I have use filebeats to collect logs and sent to kafka.
1000 /sec, the cpu usage is 4%.
9000+ /sec, the CPU usage reach to 500+%.
AWS ec2 with 24 core.
can you share your filebeat config please? Any filebeat log?
fielbeat config
filebeat:
# List of prospectors to fetch data.
prospectors:
- input_type: log
paths:
- /opt/xxxx.log
tail_files: true
output:
kafka:
hosts: ["foo.com:9092"]
topic: "foo_staging"
use_type: false
client_id: "tests"
# The number fo workers to use for this output
worker: 2
# The maximum number of events to bulk in a single request.
bulk_max_size: 16384
# The number of seconds to wait for responses from the kafka brokers before timing out.
broker_timeout: "30s"
# KeepAlive specifies the keep-alive period for an active network connection. If zero, keep-alives are disabled. (default is 0: disabled).
keep_alive: 0
# The maximum amount of time the server will wait for acknowledgments from followers to meet the acknowledgment requirements the producer has specified with the acks configuration
timeout: 30
# ACK reliability level required from broker. 0=no response, 1=wait for local commit, -1=wait for all replicas to commit. The default is 1.
required_acks: 0
# The number of seconds to wait for new events between two producer API calls.
flush_interval: 5
logging:
files:
rotateeverybytes: 10485760 # = 10MB
The higher the throughput, the higher CPU usage due to filebeat reading + encoding more lines. But I've no idea what's going on here or any of your test setup.

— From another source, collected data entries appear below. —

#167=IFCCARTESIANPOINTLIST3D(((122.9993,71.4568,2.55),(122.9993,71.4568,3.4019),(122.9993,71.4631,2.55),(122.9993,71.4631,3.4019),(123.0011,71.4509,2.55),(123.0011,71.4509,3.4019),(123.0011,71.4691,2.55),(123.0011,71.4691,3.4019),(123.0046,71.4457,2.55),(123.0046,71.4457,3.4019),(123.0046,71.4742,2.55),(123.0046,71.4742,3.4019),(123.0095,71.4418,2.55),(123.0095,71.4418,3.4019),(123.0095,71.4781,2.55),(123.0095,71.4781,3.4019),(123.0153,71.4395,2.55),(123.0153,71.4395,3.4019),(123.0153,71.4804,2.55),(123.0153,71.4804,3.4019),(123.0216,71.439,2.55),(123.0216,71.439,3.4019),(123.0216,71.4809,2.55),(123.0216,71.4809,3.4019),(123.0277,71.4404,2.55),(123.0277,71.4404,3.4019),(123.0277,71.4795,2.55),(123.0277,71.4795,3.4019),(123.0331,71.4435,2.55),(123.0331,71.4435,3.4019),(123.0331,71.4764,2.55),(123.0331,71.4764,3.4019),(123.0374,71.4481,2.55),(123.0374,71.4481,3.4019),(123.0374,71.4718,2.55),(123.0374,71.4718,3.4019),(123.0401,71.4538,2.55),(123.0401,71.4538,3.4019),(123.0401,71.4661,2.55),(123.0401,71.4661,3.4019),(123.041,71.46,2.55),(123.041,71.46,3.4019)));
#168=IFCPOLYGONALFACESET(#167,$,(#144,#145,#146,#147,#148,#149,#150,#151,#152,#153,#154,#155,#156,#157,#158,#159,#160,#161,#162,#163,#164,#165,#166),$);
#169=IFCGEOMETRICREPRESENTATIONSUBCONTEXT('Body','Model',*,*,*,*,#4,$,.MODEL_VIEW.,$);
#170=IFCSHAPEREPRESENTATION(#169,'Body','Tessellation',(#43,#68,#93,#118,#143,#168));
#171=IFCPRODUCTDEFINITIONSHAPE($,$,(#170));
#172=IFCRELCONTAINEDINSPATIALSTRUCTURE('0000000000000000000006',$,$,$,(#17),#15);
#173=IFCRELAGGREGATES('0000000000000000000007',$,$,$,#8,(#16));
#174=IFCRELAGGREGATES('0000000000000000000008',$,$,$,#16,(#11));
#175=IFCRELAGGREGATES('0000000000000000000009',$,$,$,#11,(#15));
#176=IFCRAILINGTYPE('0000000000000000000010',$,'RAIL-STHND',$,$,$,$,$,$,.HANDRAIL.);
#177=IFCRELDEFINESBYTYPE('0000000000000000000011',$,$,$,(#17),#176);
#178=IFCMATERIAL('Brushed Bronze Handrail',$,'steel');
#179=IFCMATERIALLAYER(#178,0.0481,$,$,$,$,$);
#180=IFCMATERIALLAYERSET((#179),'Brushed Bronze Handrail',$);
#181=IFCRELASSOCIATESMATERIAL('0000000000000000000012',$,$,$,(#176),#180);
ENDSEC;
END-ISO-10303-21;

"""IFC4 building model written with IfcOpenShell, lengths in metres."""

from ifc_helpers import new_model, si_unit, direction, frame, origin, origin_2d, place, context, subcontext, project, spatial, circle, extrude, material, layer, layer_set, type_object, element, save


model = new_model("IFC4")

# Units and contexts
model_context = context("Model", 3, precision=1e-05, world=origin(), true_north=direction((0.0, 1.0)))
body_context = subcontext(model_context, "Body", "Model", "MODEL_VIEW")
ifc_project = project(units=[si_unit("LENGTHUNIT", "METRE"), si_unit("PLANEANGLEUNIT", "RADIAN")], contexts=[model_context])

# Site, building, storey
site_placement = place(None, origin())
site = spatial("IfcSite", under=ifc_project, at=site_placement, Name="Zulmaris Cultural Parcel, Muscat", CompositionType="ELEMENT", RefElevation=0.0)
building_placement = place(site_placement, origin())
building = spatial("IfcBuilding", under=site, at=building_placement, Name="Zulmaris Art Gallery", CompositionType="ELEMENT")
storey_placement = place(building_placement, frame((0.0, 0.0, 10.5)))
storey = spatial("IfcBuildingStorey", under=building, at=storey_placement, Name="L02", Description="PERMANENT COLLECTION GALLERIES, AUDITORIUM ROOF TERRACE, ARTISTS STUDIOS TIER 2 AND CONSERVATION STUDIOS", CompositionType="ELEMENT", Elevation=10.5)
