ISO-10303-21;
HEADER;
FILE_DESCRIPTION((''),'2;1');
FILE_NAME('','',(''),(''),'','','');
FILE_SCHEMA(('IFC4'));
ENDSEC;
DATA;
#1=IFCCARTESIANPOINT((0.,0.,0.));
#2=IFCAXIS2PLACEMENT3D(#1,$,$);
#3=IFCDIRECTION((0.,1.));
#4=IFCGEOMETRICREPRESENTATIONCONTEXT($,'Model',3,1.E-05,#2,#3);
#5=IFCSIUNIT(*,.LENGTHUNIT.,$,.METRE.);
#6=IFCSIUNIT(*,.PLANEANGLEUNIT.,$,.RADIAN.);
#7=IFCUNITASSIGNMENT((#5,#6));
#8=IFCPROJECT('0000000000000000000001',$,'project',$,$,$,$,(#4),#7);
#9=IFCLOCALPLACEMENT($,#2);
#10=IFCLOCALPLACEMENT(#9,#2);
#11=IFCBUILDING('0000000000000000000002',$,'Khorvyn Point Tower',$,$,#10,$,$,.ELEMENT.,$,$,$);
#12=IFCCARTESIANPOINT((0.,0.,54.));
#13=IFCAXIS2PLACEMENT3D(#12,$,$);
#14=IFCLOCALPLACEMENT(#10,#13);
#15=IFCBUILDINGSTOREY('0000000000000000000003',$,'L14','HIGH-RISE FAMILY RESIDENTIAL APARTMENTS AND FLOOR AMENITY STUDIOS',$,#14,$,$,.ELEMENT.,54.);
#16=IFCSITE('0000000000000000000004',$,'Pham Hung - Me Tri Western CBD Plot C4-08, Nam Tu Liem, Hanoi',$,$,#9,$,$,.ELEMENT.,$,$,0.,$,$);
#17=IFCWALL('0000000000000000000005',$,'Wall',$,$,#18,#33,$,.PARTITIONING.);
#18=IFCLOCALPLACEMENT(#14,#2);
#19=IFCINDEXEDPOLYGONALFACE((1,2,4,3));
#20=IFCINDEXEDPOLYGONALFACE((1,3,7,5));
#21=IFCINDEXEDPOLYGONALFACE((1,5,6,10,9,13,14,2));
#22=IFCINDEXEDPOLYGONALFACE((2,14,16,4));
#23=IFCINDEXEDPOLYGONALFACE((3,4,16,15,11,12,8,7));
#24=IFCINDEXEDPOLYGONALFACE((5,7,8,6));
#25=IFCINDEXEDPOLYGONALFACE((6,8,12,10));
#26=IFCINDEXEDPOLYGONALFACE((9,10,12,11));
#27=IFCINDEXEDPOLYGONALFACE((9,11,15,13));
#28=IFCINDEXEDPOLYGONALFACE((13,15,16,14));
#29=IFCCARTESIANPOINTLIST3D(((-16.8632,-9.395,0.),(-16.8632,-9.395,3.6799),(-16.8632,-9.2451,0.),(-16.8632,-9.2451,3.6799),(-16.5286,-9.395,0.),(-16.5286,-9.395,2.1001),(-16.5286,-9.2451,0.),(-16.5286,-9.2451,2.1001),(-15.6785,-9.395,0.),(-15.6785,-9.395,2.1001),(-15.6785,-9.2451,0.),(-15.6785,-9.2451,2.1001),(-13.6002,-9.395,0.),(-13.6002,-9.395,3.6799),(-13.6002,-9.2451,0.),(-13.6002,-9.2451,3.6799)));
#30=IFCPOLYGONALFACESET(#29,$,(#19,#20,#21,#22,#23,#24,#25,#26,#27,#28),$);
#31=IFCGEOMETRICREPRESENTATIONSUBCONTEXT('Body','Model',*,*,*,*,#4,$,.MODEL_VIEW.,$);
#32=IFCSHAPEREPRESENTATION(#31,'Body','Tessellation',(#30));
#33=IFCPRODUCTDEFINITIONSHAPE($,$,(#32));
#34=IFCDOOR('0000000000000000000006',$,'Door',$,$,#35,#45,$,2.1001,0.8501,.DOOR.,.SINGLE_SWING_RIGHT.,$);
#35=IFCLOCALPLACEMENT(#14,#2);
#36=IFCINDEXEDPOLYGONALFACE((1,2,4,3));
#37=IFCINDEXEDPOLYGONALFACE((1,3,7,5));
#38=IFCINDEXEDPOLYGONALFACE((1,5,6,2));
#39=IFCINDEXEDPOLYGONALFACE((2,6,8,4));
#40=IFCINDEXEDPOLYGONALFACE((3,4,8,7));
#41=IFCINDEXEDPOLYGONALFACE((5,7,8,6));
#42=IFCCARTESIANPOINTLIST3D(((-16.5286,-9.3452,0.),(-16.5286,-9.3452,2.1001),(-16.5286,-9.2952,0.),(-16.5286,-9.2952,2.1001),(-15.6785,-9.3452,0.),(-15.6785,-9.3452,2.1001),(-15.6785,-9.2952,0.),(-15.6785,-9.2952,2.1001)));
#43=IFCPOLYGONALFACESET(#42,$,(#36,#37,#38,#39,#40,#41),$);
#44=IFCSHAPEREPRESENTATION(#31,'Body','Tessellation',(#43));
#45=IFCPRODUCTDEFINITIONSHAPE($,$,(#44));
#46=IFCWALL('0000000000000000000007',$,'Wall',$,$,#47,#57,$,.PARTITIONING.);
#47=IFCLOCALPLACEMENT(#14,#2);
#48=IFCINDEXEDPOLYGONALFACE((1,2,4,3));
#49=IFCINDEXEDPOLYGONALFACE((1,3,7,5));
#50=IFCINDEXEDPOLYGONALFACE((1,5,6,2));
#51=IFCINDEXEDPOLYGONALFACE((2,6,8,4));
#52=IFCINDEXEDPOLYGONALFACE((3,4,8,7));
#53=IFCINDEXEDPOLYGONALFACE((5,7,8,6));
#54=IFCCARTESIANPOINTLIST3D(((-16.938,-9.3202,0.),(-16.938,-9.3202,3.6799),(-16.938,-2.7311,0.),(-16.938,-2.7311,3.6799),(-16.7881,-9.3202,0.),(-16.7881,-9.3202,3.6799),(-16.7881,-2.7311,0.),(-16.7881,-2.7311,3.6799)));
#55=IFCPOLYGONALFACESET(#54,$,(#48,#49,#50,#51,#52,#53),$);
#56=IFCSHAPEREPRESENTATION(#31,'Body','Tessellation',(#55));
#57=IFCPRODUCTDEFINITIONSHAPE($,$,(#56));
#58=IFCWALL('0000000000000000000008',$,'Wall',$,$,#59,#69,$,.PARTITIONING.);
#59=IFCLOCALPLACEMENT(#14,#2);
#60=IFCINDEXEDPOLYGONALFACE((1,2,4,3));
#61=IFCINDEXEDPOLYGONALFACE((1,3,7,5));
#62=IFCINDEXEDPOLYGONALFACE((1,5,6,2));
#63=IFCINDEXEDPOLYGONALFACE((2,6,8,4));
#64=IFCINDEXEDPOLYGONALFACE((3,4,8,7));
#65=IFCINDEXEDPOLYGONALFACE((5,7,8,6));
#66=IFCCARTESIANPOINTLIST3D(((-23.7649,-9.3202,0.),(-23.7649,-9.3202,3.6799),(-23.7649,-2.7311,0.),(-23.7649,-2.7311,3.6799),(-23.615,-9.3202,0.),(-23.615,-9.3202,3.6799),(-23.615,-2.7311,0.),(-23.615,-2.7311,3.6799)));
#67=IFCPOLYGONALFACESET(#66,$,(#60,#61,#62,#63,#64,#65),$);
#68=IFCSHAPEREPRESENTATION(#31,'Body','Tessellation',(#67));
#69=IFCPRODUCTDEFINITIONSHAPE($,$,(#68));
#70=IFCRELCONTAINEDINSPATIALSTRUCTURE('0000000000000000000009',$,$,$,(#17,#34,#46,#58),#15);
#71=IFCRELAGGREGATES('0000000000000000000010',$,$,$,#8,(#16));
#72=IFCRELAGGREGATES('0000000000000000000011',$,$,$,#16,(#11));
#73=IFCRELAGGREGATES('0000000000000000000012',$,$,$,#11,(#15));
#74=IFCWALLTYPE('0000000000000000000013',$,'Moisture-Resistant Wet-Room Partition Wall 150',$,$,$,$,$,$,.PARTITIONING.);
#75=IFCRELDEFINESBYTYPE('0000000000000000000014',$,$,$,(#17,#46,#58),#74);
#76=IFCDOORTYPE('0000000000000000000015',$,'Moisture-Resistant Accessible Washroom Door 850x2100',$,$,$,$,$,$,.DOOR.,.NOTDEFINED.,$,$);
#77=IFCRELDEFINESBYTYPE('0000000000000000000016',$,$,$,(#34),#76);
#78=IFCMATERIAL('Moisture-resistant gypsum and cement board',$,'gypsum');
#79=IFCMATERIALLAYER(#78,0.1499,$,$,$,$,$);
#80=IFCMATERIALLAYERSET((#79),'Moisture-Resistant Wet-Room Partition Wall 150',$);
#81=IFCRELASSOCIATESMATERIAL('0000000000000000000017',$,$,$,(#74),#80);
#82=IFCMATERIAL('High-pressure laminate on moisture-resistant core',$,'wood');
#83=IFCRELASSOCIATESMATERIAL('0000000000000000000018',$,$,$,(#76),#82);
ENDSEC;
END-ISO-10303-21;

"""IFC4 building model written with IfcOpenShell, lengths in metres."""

from ifc_helpers import new_model, si_unit, direction, frame, frame_2d, origin, place, context, subcontext, project, spatial, rectangle, extrude, material, layer, layer_set, type_object, element, fill, save


model = new_model("IFC4")

# Units and contexts
model_context = context("Model", 3, precision=1e-05, world=origin(), true_north=direction((0.0, 1.0)))
body_context = subcontext(model_context, "Body", "Model", "MODEL_VIEW")
ifc_project = project(units=[si_unit("LENGTHUNIT", "METRE"), si_unit("PLANEANGLEUNIT", "RADIAN")], contexts=[model_context])

# Site, building, storey
site_placement = place(None, origin())
site = spatial("IfcSite", under=ifc_project, at=site_placement, Name="Pham Hung - Me Tri Western CBD Plot C4-08, Nam Tu Liem, Hanoi", CompositionType="ELEMENT", RefElevation=0.0)
building_placement = place(site_placement, origin())
building = spatial("IfcBuilding", under=site, at=building_placement, Name="Khorvyn Point Tower", CompositionType="ELEMENT")
storey_placement = place(building_placement, frame((0.0, 0.0, 54.0)))
storey = spatial("IfcBuildingStorey", under=building, at=storey_placement, Name="L14", Description="HIGH-RISE FAMILY RESIDENTIAL APARTMENTS AND FLOOR AMENITY STUDIOS", CompositionType="ELEMENT", Elevation=54.0)

# Wall, opening, door
ifc_material_1 = material(Name="Moisture-resistant gypsum and cement board", Category="gypsum")
ifc_layer_1 = layer(ifc_material_1, 0.1499)
ifc_layer_set_1 = layer_set([ifc_layer_1], Name="Moisture-Resistant Wet-Room Partition Wall 150")
wall_type_1 = type_object("IfcWallType", Name="Moisture-Resistant Wet-Room Partition Wall 150", PredefinedType="PARTITIONING", material=ifc_layer_set_1)
ifc_material_2 = material(Name="High-pressure laminate on moisture-resistant core", Category="wood")
door_type_1 = type_object("IfcDoorType", Name="Moisture-Resistant Accessible Washroom Door 850x2100", OperationType="NOTDEFINED", PredefinedType="DOOR", material=ifc_material_2)
wall_1_placement = place(storey_placement, frame((-16.863, -9.3201, 0.0), z_axis=(0.0, 0.0, 1.0), x_axis=(1.0, 0.0, 0.0)))
wall_1 = element("IfcWall", 1, at=wall_1_placement, inside=storey, type_object=wall_type_1, Name="Wall", PredefinedType="PARTITIONING", context=body_context, shape_type="SweptSolid", body=[
    extrude(rectangle(XDim=3.2629, YDim=0.1499, at=frame_2d((1.6313, 0.0))), origin(), (0.0, 0.0, 1.0), 3.6799),
])
opening_1_placement = place(wall_1_placement, frame((0.3345, 0.0, 0.0)))
opening_1 = element("IfcOpeningElement", 2, at=opening_1_placement, cuts=wall_1, PredefinedType="OPENING", context=body_context, shape_type="SweptSolid", body=[
    extrude(rectangle(XDim=0.8501, YDim=2.1001, at=frame_2d((0.425, 1.05))), frame((0.0, 0.085, 0.0), z_axis=(0.0, -1.0, 0.0), x_axis=(1.0, 0.0, 0.0)), (0.0, 0.0, 1.0), 0.1699),
])
door_1_placement = place(opening_1_placement, origin())
door_1 = element("IfcDoor", 3, at=door_1_placement, inside=storey, type_object=door_type_1, Name="Door", OperationType="SINGLE_SWING_RIGHT", OverallHeight=2.1001, OverallWidth=0.8501, PredefinedType="DOOR", context=body_context, shape_type="SweptSolid", body=[
    extrude(rectangle(XDim=0.8501, YDim=2.1001, at=frame_2d((0.425, 1.05))), frame((0.0, 0.0249, 0.0), z_axis=(0.0, -1.0, 0.0), x_axis=(1.0, 0.0, 0.0)), (0.0, 0.0, 1.0), 0.05),
])
fill(opening_1, door_1)

# Walls
for number, where, z_axis, x_axis, name in (
    (4, (-16.863, -9.3201, 0.0), (0.0, 0.0, 1.0), (0.0, 1.0, 0.0), "Wall"),
    (5, (-23.6899, -9.3201, 0.0), (0.0, 0.0, 1.0), (0.0, 1.0, 0.0), "Wall"),
):
    element("IfcWall", number, at=place(storey_placement, frame(where, z_axis=z_axis, x_axis=x_axis)), inside=storey, type_object=wall_type_1, Name=name, PredefinedType="PARTITIONING", context=body_context, shape_type="SweptSolid", body=[
        extrude(rectangle(XDim=6.5891, YDim=0.1499, at=frame_2d((3.2944, 0.0))), origin(), (0.0, 0.0, 1.0), 3.6799),
    ])

save(model, "model.ifc")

You have one filebeat sending to how many kafka nodes? How many partitions does your topic have?
How do you measure throughput and generate different loads? (1000/sec vs 9000+/sec ?)
can you set warning level in filebeat.yml and check log file for any errors/warning?
having set worker: 2
configures filebeat to double the number of kafka clients + worker routines doing IO.